Dragon stared dispassionately at Phyllis and then at Buddha who fair vibrated with excitement.
“Come on, Buddha Bear,” she said and strode to the hutch, removed the lid of a porcelain soup tureen and pulled out a grapefruit-sized spinal joint treat made of liver, tuna and salmon. She held it out to the cat, who licked it carefully before accepting it and loping off to a dark corner.
“Tell me what she’s saying is more of her usual bullshit,” Dragon said, blinking her eyes furiously t
o hold back tears.
“Go on. Tell her,” Jasper insisted as Quill bowed her head in obvious shame.
Her eyes were beseeching as she looked around the room. Finding no compassion from her family, Quill started from the beginning. “Doque invaded the Sun at the height of the war. Pulled me out of...my private quarters,” she settled on, “and dumped me in a dog cage in one of those prison camps of his. I was in that hell for so long, I think he forgot I existed. His hsigo guards didn’t though, and passed me around. My day started with a morning rape and ended with rape. Occasionally a night shift guard would donate his turn to an inexperienced hsigo or the son of a friend, and nerves would overrule the urge to rut and I’d get a bit of rest.
“I wanted to die and wondered if anyone would cry for me if I did. And then one day I stopped wondering. Stopped caring. On that day Doque came for me. He loved me,” she admitted raggedly and Dragon suppressed a shudder and turned away.
“I was so desperate for a hint of kindness. I would’ve done anything to be acknowledged. Doque gave me that, and even though it was the most chilling experience of my existence, I was absurdly grateful for it.”
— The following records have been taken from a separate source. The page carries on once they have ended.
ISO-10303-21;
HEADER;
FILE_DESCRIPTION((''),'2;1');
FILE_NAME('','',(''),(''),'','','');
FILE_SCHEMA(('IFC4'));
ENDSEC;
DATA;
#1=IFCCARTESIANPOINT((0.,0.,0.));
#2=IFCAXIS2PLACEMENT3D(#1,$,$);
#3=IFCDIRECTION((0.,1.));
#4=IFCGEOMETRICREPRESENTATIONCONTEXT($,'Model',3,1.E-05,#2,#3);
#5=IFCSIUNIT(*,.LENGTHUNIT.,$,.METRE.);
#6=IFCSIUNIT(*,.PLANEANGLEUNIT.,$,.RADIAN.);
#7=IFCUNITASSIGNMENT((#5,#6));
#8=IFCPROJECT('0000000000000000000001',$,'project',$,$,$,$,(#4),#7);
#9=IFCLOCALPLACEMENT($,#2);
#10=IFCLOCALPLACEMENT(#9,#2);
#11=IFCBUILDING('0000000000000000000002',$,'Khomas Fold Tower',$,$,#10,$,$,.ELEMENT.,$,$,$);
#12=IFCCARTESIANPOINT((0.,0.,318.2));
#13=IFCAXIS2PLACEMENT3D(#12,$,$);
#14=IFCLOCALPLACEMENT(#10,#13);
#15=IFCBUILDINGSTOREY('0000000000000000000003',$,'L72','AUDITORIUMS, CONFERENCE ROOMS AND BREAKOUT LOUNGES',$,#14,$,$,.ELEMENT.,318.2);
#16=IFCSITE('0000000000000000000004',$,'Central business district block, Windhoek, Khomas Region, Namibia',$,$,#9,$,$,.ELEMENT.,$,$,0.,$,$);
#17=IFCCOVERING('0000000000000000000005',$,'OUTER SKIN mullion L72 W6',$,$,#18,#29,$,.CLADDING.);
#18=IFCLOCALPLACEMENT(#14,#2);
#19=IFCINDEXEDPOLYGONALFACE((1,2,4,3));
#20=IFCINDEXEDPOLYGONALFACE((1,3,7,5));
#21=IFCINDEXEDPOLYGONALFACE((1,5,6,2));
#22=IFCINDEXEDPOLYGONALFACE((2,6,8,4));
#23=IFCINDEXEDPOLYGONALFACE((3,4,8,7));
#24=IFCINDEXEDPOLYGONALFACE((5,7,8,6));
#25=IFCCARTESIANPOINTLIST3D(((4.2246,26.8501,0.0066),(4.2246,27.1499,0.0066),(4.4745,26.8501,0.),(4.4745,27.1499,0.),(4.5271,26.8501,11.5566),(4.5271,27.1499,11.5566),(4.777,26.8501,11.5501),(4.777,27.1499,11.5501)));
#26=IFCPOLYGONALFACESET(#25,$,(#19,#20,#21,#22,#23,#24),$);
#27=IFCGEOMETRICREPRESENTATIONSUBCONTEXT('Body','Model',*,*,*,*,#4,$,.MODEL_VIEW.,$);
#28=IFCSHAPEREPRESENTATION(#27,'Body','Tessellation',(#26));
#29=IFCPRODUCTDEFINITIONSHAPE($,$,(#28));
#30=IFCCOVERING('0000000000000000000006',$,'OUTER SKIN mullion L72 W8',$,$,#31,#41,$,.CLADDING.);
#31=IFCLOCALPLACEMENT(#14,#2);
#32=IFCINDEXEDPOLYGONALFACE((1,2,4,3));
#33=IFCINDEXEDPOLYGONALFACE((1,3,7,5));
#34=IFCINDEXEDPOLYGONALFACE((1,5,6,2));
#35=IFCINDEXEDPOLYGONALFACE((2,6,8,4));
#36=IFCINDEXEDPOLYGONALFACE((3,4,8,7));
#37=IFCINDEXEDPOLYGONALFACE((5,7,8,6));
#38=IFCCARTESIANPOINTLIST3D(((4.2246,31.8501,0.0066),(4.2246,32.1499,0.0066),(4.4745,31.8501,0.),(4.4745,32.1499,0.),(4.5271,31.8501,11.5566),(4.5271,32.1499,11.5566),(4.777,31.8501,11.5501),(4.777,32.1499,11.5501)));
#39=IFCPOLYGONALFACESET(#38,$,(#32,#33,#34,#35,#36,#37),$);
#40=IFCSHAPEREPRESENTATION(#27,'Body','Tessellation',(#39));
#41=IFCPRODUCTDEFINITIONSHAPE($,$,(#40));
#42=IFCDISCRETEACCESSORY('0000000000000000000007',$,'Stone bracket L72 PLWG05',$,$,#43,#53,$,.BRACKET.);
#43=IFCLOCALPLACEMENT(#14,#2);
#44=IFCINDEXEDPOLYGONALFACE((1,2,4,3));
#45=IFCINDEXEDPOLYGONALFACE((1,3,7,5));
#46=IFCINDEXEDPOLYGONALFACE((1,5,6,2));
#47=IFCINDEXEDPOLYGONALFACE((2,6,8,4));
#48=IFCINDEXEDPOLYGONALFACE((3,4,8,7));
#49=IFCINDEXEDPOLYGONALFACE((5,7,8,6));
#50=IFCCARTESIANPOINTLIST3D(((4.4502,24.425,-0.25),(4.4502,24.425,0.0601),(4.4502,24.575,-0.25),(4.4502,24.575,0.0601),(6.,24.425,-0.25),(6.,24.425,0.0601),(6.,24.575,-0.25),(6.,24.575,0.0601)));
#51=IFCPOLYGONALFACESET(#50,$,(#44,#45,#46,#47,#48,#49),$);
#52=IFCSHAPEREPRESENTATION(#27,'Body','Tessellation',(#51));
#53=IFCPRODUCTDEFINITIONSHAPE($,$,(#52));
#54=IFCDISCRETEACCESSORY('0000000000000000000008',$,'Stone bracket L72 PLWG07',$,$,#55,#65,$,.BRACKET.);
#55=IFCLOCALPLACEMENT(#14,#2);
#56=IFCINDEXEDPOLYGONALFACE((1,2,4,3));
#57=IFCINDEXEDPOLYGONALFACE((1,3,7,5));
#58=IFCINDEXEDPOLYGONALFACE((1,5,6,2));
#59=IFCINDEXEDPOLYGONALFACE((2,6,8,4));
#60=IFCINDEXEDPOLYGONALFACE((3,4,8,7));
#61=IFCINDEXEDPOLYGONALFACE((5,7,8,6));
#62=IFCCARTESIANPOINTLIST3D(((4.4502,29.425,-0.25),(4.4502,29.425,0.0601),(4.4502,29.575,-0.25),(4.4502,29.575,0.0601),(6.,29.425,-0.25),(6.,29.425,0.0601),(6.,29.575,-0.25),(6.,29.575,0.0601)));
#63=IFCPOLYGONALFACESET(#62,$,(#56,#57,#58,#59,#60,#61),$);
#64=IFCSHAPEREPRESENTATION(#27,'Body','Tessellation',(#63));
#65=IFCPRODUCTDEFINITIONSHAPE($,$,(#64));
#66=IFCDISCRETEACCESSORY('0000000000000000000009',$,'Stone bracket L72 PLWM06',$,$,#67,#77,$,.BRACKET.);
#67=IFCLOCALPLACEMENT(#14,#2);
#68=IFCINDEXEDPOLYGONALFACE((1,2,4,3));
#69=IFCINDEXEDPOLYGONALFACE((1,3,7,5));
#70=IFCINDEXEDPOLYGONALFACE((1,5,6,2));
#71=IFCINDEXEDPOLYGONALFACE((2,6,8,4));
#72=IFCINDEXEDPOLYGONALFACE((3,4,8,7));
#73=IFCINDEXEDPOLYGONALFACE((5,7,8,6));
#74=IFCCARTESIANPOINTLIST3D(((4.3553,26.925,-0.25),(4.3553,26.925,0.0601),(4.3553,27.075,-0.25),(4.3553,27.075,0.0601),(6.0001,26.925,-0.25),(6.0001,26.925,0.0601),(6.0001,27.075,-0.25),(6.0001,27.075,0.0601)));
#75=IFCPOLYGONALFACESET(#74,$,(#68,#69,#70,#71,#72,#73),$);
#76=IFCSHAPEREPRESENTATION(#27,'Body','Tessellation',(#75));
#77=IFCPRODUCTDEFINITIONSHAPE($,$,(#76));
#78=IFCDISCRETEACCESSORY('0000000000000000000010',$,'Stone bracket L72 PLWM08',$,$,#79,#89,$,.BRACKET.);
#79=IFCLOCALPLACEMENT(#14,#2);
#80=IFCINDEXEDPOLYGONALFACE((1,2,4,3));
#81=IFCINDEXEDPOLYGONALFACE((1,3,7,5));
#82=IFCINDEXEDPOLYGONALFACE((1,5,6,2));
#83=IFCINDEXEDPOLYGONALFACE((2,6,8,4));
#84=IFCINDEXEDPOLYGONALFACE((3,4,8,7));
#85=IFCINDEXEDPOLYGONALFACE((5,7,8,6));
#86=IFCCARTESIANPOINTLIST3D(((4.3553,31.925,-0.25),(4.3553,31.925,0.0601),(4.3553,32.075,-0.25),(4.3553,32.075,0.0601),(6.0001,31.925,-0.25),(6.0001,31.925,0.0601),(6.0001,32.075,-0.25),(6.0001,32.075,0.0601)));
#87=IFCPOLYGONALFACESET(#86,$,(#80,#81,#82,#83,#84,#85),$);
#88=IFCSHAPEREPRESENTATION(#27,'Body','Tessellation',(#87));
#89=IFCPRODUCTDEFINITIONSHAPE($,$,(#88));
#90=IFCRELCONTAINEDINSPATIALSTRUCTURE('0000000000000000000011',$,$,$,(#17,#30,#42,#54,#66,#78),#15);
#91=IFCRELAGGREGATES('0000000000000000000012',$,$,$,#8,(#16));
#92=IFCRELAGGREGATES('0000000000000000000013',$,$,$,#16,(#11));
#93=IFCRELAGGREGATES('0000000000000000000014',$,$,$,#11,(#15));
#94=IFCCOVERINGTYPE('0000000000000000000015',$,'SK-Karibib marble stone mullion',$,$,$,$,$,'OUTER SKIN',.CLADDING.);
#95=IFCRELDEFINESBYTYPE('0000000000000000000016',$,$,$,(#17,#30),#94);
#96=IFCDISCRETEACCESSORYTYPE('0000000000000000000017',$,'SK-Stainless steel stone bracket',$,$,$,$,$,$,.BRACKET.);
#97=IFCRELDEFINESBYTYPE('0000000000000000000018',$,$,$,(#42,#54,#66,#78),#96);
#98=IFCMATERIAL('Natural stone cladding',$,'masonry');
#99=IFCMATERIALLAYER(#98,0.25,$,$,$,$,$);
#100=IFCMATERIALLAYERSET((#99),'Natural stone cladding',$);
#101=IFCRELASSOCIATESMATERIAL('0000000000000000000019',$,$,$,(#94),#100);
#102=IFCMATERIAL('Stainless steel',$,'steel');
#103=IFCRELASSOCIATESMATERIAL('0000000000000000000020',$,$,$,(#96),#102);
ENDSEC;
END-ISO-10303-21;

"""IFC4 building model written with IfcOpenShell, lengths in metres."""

from ifc_helpers import new_model, si_unit, direction, frame, origin, origin_2d, place, context, subcontext, project, spatial, polyline, rectangle, outline, extrude, source, transform, mapped, material, layer, layer_set, type_object, element, save


model = new_model("IFC4")

# Units and contexts
model_context = context("Model", 3, precision=1e-05, world=origin(), true_north=direction((0.0, 1.0)))
body_context = subcontext(model_context, "Body", "Model", "MODEL_VIEW")
ifc_project = project(units=[si_unit("LENGTHUNIT", "METRE"), si_unit("PLANEANGLEUNIT", "RADIAN")], contexts=[model_context])

# Site, building, storey
site_placement = place(None, origin())
site = spatial("IfcSite", under=ifc_project, at=site_placement, Name="Central business district block, Windhoek, Khomas Region, Namibia", CompositionType="ELEMENT", RefElevation=0.0)
building_placement = place(site_placement, origin())
building = spatial("IfcBuilding", under=site, at=building_placement, Name="Khomas Fold Tower", CompositionType="ELEMENT")
storey_placement = place(building_placement, frame((0.0, 0.0, 318.2)))
storey = spatial("IfcBuildingStorey", under=building, at=storey_placement, Name="L72", Description="AUDITORIUMS, CONFERENCE ROOMS AND BREAKOUT LOUNGES", CompositionType="ELEMENT", Elevation=318.2)

# Coverings
ifc_material_1 = material(Name="Natural stone cladding", Category="masonry")
ifc_layer_1 = layer(ifc_material_1, 0.25)
ifc_layer_set_1 = layer_set([ifc_layer_1], Name="Natural stone cladding")
covering_type = type_object("IfcCoveringType", Name="SK-Karibib marble stone mullion", ElementType="OUTER SKIN", PredefinedType="CLADDING", material=ifc_layer_set_1)
for number, where, z_axis, x_axis, name in (
    (1, (4.2246, 26.8501, 0.0066), (-0.999657, 0.0, 0.026181), (0.0, 1.0, 0.0), "OUTER SKIN mullion L72 W6"),
    (2, (4.2246, 31.8501, 0.0066), (-0.999657, 0.0, 0.026181), (0.0, 1.0, 0.0), "OUTER SKIN mullion L72 W8"),
):
    element("IfcCovering", number, at=place(storey_placement, frame(where, z_axis=z_axis, x_axis=x_axis)), inside=storey, type_object=covering_type, Name=name, PredefinedType="CLADDING", context=body_context, shape_type="SweptSolid", body=[
        extrude(outline(polyline([(0.0, 0.0), (0.2998, 0.0), (0.2998, -11.554), (0.0, -11.554), (0.0, 0.0)])), origin(), (0.0, 0.0, -1.0), 0.25),
    ])

# Discrete accessories
ifc_material_2 = material(Name="Stainless steel", Category="steel")
discrete_accessory_type = type_object("IfcDiscreteAccessoryType", Name="SK-Stainless steel stone bracket", PredefinedType="BRACKET", material=ifc_material_2)
shared_shape_1 = source(origin(), body_context, "Body", "SweptSolid", [
    extrude(rectangle(XDim=1.5498, YDim=0.1499, at=origin_2d()), origin(), (0.0, 0.0, 1.0), 0.3101),
])
for number, where, z_axis, x_axis, name in (
    (3, (5.2251, 24.5, -0.25), (0.0, 0.0, 1.0), (-1.0, 0.0, 0.0), "Stone bracket L72 PLWG05"),
    (4, (5.2251, 29.5, -0.25), (0.0, 0.0, 1.0), (-1.0, 0.0, 0.0), "Stone bracket L72 PLWG07"),
):
    element("IfcDiscreteAccessory", number, at=place(storey_placement, frame(where, z_axis=z_axis, x_axis=x_axis)), inside=storey, type_object=discrete_accessory_type, Name=name, PredefinedType="BRACKET", context=body_context, shape_type="MappedRepresentation", body=[
        mapped(shared_shape_1, transform((0.0, 0.0, 0.0))),
    ])
shared_shape_2 = source(origin(), body_context, "Body", "SweptSolid", [
    extrude(rectangle(XDim=1.6448, YDim=0.1499, at=origin_2d()), origin(), (0.0, 0.0, 1.0), 0.3101),
])
for number, where, z_axis, x_axis, name in (
    (5, (5.1777, 27.0, -0.25), (0.0, 0.0, 1.0), (-1.0, 0.0, 0.0), "Stone bracket L72 PLWM06"),
    (6, (5.1777, 32.0, -0.25), (0.0, 0.0, 1.0), (-1.0, 0.0, 0.0), "Stone bracket L72 PLWM08"),
):
    element("IfcDiscreteAccessory", number, at=place(storey_placement, frame(where, z_axis=z_axis, x_axis=x_axis)), inside=storey, type_object=discrete_accessory_type, Name=name, PredefinedType="BRACKET", context=body_context, shape_type="MappedRepresentation", body=[
        mapped(shared_shape_2, transform((0.0, 0.0, 0.0))),
    ])

save(model, "model.ifc")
“So grateful you did anything he wanted,” Jasper said dully.
“Yes.”
“Including live with people you fought against, didn’t respect and hated.”
She raised her head to argue, met Jasper’s hard blue eyes and simply said, “Yes.”
“Better than having hsigos heave over you, I imagine.”
Quill turned away from Jasper’s biting fury and Dragon jumped right in.
“I found you on the curb outside of the house.” Dragon’s voice cracked with confusion. “Dad thought you were a bundle of bloody rags. He wanted to leave you for the next morning’s trash pickup.”
Quill said nothing, and Jasper made a show out of opening the hutch’s cabinet doors, pulling out the first bottle his hand encountered—absinthe—and filled his Cabernet glass.
As the silence lengthened, Dragon gave in to her grief and wilted to the floor. “Quill?” she prodded, begging the goddess to contradict what they all knew to be true.